'Variation in P'

Università Ca' Foscari Venezia

10-11 October 2013.

Workshop on (micro-)comparative aspects of prepositional adpositions and P-elements, both across languages and across language domains:

Keynote Speaker: Peter Svenonius (University of Tromsø, CASTL)

Final Round table chaired by Guglielmo Cinque (Università Ca’ Foscari Venezia)

Organising Committee:     Silvia Rossi            sil.rossi at unive dot it
                                      Jacopo Garzonio    garzonio at unive dot it


 Workshop description:

Over the past decades, spatial prepositions have been much studied in the generative framework. Following a long tradition of studies, going back to van Riemsdijk (1990), scholars have argued for the presence of functional structure above the lexical projection of P (preposition), on a par with the DP, v/VP, IP and CP domains. On the basis of a detailed study of the internal and external syntax of Dutch Ps, Koopman (2000) provides the first map for the internal architecture of prepositional phrases (PP), which includes hierarchically ordered projections hosting specific elements. In more recent years, works on single languages (den Dikken 2006 on Dutch; Tortora 2008 on Italian; Terzi 2010 on Modern Greek; Svenonius 2010 on English a. m. o.; cf. the contributions in Cinque & Rizzi 2010) have further enriched Koopman’s original structure, reaching astonishingly similar results. These results have been further investigated and confirmed from a cross-linguistic perspective in Cinque (2010), thus making the split-PP hypothesis part of UG.

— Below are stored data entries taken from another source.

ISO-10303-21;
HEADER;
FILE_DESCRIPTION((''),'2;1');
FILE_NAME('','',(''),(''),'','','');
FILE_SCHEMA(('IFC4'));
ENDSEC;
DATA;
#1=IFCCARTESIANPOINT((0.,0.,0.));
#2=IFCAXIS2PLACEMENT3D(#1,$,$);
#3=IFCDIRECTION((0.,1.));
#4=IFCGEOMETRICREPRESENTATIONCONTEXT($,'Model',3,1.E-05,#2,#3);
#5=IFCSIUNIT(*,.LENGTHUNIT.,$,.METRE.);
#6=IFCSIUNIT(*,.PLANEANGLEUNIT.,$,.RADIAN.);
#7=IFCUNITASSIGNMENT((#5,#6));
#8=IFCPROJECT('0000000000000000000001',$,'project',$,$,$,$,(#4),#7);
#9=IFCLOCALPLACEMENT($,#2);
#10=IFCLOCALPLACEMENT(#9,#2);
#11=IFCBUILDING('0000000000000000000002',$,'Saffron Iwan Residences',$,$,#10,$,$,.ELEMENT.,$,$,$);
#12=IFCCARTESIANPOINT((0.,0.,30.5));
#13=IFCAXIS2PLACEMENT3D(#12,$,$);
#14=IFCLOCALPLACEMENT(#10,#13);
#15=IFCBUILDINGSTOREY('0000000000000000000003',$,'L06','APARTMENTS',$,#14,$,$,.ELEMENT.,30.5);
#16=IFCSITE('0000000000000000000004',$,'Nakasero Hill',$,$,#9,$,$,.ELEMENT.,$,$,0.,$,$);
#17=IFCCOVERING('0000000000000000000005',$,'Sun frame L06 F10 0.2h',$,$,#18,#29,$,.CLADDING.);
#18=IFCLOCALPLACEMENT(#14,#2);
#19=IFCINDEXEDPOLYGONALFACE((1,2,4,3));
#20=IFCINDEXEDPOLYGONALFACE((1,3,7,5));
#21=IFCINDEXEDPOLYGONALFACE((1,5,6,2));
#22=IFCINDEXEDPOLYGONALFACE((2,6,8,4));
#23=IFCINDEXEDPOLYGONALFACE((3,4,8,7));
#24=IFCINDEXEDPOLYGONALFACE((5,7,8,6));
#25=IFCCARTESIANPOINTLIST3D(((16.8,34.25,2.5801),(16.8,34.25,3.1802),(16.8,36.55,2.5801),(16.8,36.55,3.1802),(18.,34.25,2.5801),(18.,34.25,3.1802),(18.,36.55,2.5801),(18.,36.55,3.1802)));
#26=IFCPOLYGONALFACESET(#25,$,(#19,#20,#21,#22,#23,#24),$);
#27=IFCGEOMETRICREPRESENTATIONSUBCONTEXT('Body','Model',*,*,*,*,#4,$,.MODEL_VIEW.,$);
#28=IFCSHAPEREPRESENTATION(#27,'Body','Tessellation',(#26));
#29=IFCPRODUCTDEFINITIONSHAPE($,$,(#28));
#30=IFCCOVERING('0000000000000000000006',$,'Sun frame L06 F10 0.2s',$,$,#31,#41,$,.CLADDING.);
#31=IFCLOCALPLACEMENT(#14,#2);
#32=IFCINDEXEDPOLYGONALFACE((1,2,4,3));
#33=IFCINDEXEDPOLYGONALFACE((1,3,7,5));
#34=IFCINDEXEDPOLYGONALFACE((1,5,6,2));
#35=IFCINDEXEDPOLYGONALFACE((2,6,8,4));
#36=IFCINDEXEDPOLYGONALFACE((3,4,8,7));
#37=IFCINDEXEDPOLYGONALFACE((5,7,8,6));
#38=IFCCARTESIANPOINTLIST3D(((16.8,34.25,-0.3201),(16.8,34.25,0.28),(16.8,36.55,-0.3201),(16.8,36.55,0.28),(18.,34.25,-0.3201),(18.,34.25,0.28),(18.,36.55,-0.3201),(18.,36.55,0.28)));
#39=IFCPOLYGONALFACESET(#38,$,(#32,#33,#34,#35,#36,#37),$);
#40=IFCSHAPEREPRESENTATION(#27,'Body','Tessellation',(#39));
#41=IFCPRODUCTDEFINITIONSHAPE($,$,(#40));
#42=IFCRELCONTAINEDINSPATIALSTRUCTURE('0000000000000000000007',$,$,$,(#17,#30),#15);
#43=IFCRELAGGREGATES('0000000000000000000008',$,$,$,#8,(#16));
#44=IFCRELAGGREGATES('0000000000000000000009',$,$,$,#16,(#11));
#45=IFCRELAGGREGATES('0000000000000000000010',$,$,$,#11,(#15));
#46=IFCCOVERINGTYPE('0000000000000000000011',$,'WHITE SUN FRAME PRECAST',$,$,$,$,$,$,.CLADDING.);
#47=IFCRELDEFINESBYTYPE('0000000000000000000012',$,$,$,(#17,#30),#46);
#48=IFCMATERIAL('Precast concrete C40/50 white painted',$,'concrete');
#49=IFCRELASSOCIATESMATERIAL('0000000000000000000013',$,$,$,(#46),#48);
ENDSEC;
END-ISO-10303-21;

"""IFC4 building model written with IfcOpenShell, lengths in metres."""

from ifc_helpers import new_model, si_unit, direction, frame, origin, place, context, subcontext, project, spatial, polyline, outline, extrude, material, type_object, element, save


model = new_model("IFC4")

# Units and contexts
model_context = context("Model", 3, precision=1e-05, world=origin(), true_north=direction((0.0, 1.0)))
body_context = subcontext(model_context, "Body", "Model", "MODEL_VIEW")
ifc_project = project(units=[si_unit("LENGTHUNIT", "METRE"), si_unit("PLANEANGLEUNIT", "RADIAN")], contexts=[model_context])

# Site, building, storey
site_placement = place(None, origin())
site = spatial("IfcSite", under=ifc_project, at=site_placement, Name="Nakasero Hill", CompositionType="ELEMENT", RefElevation=0.0)
building_placement = place(site_placement, origin())
building = spatial("IfcBuilding", under=site, at=building_placement, Name="Saffron Iwan Residences", CompositionType="ELEMENT")
storey_placement = place(building_placement, frame((0.0, 0.0, 30.5)))
storey = spatial("IfcBuildingStorey", under=building, at=storey_placement, Name="L06", Description="APARTMENTS", CompositionType="ELEMENT", Elevation=30.5)

# Coverings
ifc_material_1 = material(Name="Precast concrete C40/50 white painted", Category="concrete")
covering_type_1 = type_object("IfcCoveringType", Name="WHITE SUN FRAME PRECAST", PredefinedType="CLADDING", material=ifc_material_1)
for number, where, z_axis, x_axis, name in (
    (1, (18.0, 36.55, 2.5801), (-1.0, 0.0, 0.0), (0.0, -1.0, 0.0), "Sun frame L06 F10 0.2h"),
    (2, (18.0, 36.55, -0.3201), (-1.0, 0.0, 0.0), (0.0, -1.0, 0.0), "Sun frame L06 F10 0.2s"),
):
    element("IfcCovering", number, at=place(storey_placement, frame(where, z_axis=z_axis, x_axis=x_axis)), inside=storey, type_object=covering_type_1, Name=name, PredefinedType="CLADDING", context=body_context, shape_type="SweptSolid", body=[
        extrude(outline(polyline([(0.0, 0.0), (2.3, 0.0), (2.3, 0.6001), (0.0, 0.6001), (0.0, 0.0)])), origin(), (0.0, 0.0, 1.0), 1.2),
    ])

save(model, "model.ifc")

Despite the differences in the number, type and order of projections proposed, the major contribution of all these studies is the idea that prepositions, prepositional adpositions, adverbs and particles are but the realizations of different parts of one and same underlying universal structure—the differences in their categorical status and in their external syntax depending on language-specific rules regulating movement or deletion inside and outside the PP domain. The results of these studies provide then an unprecedented starting point and a valuable formal criterion not only for proposing and evaluating more principled hypotheses on the etymological origin of P items in a language family, but also for a more unified treatment of the minimally-different distributional properties the same P element may be associated with in a micro-comparative environment. Conversely, a micro-comparative approach to PP-internal phenomena can offer a significant opportunity for both the empirical testing and the further developments of the existing formal hypotheses on the PP domain as well as on the relations between Ps and other general linguistic phenomena like Case-marking by both P and V/N on argument Ps, argument structure, clausal structure, etc. Yet, despite the considerable number of language specific and cross-linguistic studies on the inner workings of spatial adpositions, a micro-comparative approach on this area of grammar has still to be attempted. A good case in point is for instance the dialectal micro-variation of Italy, which has always offered both a precious test-bed and an invaluable source of data for general linguistic theory, but for which, a comparative study of PP-internal pehonomena seems still to be missing. We intend then bridge this gap, and invite contributions on micro-comparative aspects of prepositional adpositions and P-elements in general.

In particular, we invite contributions addressing the following questions:

  • How can (micro)-comparative data improve our theoretical knowledge of the internal architecture of prepositional adpositions and relation to clause structure?
  • Do the current theoretical proposals offer a reliable model, both descriptively and formally, for an accurate and insightful account of the internal and external morphosyntax of P elements in a group of related languages/dialects?